Despite adequate care and management, animal mortalities occasionally occur on farms. When they do, Kentucky livestock producers have few options to safely dispose of the carcass. On-farm composting is a low-cost, effective way to dispose of dead animals without contaminating waterways or causing a smelly nuisance.
Two materials are needed for composting: the carcass and a bulking agent. Bulking agents are things like sawdust, wood shavings, and wood mulch. These materials provide a source of carbon to offset the nitrogen from the carcass. They soak up liquid produced during decomposition, regulate airflow through the pile and keep scavengers away.
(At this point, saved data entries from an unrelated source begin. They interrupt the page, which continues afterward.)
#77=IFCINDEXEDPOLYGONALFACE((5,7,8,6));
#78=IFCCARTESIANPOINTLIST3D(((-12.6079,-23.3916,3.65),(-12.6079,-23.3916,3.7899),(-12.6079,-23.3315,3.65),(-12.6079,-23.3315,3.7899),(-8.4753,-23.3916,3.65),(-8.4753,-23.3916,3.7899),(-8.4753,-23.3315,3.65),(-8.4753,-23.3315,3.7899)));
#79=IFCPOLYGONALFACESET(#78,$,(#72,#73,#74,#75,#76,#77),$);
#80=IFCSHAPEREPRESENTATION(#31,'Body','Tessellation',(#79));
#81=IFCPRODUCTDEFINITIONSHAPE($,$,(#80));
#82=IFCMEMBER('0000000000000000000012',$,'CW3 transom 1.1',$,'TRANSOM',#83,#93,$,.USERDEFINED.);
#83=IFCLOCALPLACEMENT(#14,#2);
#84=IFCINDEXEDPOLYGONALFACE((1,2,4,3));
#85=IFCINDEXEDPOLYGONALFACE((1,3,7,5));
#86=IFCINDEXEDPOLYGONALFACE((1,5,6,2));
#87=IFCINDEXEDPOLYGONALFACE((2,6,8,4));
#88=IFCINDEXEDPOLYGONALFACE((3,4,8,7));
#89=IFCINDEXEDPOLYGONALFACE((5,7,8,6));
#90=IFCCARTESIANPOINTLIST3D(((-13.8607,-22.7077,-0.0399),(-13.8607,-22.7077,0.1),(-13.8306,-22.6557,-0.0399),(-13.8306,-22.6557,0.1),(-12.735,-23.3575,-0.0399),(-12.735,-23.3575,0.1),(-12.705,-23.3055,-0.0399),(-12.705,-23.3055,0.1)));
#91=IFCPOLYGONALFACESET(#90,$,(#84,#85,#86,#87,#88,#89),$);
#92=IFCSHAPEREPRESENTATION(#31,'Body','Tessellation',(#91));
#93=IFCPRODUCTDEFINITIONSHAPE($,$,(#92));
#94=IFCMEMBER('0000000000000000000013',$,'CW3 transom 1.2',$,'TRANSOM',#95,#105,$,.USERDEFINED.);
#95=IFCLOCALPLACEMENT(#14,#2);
Usually, producers will layer 2 feet of bulking agent on the bottom, the carcass and at least another 2 feet of the bulking material on top of and on the sides of the carcass. A front-end loader is helpful to transport the carcass and bulking agent and create the pile.
Ideally, you will have an enclosed composting facility. A roof keeps the pile from getting too wet and prevents runoff. Sidewalls or fences can protect the decomposing carcass from scavengers and pests. Concrete floors keep compost from entering ground water. The size of the pile will depend on the type of facility size and the type of bulking agent and equipment you use. A typical pile for a large animal (more than 1,000 pounds) should have a height of approximately 6 feet.
Moisture and temperature control is critical to proper composting. If the material is too wet, it could pollute surface or ground water. You can check the moisture by squeezing material in your hand. If it drips, it is too wet. If your palm does not get wet when squeezed, the material is too dry. Temperatures inside the compost pile need to be between 140-160 degrees F. You can purchase a long-stemmed compost thermometer to make sure the pile is reaching the right temperature.
The compost should not emit foul odors at any point in the process. If it starts to smell bad, then something is wrong. You will need to check the pile’s moisture content, temperature, airflow, carbon-to-nitrogen ratio and the amount of material covering the carcass to determine the problem and resolve the issue.
If done correctly, the carcass should decompose within three to six months. You can apply the compost to cropland as fertilizer or reuse it to compost other livestock mortalities.
More information on on-farm dead animal composting is available in the University of Kentucky Cooperative Extension Service publication ID 166: On-farm composting of Animal Mortalities. It is available online at https://afs.ca.uky.edu/files/on-farm_composting of animal_mortalities.pdf or by contacting the Meade County Extension Office.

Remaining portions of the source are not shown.